As the algorith for the problem, we improved upon the Genetic Local Search from the previous assignment and tested the improved version on elite size varying between 5 and 50 instances.

## 2. Adjustments to the Algorithm

### 2.1. Motivation behind the changes

Looking back at our results from the previous assignments, we noticed that one glarring issue that might have been the cause of the poor performance of our algorithm was the low number of iterations made by the GLS - the best results were obtained by the GLS with lowest population size (5), which coincidentally, had the highest number of iterations.

We hypothesized that improving the time-efficiency of the algorithm and increasing the number of iterations will lead to better results.
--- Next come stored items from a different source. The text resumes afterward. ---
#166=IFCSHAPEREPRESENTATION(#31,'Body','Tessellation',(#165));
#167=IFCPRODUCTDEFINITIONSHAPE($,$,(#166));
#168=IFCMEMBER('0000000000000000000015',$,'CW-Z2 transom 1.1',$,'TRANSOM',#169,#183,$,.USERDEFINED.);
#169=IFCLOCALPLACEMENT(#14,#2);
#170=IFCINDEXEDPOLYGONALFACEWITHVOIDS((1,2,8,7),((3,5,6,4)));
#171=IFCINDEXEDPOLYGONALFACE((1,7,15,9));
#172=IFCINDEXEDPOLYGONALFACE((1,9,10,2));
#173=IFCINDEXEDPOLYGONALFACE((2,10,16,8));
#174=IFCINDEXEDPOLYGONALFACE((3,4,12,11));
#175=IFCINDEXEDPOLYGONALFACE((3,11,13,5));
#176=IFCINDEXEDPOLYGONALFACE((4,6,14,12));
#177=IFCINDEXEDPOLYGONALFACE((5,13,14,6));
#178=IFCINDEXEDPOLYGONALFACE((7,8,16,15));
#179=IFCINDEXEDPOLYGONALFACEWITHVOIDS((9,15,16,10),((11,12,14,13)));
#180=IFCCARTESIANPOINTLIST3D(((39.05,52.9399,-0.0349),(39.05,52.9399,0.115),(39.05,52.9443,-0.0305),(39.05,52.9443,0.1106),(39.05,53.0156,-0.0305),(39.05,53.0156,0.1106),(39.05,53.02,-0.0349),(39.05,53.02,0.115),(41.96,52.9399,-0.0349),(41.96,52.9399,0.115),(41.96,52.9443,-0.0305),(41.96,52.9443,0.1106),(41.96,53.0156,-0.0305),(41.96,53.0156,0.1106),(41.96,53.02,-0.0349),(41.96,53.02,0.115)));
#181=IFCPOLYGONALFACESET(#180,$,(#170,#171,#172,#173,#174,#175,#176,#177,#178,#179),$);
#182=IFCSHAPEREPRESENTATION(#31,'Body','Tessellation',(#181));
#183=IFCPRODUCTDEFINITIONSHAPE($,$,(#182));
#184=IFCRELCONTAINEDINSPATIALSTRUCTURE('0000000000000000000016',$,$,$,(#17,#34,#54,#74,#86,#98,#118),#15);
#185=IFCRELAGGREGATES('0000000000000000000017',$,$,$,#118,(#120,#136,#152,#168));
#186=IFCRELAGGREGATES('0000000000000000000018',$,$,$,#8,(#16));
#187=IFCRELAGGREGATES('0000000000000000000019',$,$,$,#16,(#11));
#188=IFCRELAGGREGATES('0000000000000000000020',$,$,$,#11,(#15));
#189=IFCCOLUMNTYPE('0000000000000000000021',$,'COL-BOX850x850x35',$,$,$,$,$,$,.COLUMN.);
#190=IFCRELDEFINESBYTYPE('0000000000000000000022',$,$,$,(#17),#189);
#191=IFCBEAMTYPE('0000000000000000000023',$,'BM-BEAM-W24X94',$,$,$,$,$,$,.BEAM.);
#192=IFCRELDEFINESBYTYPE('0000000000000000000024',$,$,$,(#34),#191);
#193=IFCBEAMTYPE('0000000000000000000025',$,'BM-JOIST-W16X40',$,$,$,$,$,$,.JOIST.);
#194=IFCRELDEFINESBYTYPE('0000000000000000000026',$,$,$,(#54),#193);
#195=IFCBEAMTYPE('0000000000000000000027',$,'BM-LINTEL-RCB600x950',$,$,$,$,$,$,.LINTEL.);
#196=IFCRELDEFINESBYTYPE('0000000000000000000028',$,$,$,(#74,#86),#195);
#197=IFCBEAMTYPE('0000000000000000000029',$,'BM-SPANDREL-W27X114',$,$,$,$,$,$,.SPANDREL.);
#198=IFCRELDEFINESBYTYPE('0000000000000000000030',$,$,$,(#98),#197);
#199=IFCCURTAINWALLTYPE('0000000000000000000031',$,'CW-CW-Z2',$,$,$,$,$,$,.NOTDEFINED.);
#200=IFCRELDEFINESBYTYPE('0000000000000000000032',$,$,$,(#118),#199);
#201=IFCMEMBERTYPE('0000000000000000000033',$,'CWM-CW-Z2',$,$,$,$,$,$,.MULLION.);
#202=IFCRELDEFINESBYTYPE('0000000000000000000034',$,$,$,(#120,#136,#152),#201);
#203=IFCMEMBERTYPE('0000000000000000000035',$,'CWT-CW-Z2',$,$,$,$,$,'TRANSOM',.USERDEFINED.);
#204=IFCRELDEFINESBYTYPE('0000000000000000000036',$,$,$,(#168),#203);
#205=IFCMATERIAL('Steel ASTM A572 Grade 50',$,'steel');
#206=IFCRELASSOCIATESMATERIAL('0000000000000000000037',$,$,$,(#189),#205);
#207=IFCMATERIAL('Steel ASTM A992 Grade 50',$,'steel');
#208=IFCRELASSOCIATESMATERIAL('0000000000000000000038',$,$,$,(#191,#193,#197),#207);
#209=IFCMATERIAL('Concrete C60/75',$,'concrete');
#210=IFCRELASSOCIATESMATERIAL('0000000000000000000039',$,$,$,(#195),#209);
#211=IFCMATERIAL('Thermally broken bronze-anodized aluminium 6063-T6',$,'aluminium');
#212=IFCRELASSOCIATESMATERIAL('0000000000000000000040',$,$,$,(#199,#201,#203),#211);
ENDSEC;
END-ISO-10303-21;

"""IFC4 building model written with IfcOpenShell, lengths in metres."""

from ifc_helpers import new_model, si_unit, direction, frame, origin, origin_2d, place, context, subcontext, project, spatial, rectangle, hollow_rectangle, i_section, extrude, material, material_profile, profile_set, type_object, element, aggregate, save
The algorithm had two places where it could be improved in this regard:
- initialization of the population
- recombination operator

Testing various optimisations for the initialization of the population, such as:
- simplification of the generation of created instances using GreedyCycleSearch directly instead of using Local Search on randomly generated instances,
- loosening the requirement on uniqueness of the generated instances,

we arrived at the conclusion that the setup used originally in the previous assignments was the best.

Looking at the recombination operator, we noticed that our original approach (finding longest common subsequences and filling the rest of the path with the remaining nodes) was quite complex and took a lot of time. We speculated that simplification of the operator could lead to better results.

After testing various different variations, the most efficient consisted of simply iterating over the 100 indices of a solution, and at every index, choosing the node with lower weight from the two parents. If the selected node was already present in the solution, we skipped it and moved on to the next index. Finally the solution was filled out using GreedyCycleSearch.

### 2.2 Pseudocode of the new recombination operator

```
function recombine(parent_1, parent_2, nodes, distances):
    child = []
    for i in range(100):
        first_parent_node = parent_1[i]
        second_parent_node = parent_2[i]
        
        selected_node = first_parent_node
        if nodes[selected_node].weight > nodes[second_parent_node].weight:
            selected_node = second_parent_node
        
        if selected_node not in child:
            child.append(selected_node)
    
    solver = GreedyCycleSearch(nodes, distances)
    child = solver.solve(child)
    return child
```

### 2.3. Fixing the bug in evaluation scripts

When generating computational results for the EC assignments, we used powershell scripts that called the compiled c++ program with various parameters. The scripts were written in a way that they would run the program for a given set of parameters and then save the results to a file.

To speed up the process of generating the results, we start many instances of the program in parallel, each with different parameters. This was done using the `ForEach -Parallel` powershell command, with the number of instances set to **48**.

This number was chosen at the beginning, as it was sure to utilize all logical cores of the CPU, and was not changed afterwards. It did not cause any issues as the initial assignments did not limit the running time of the algorithm.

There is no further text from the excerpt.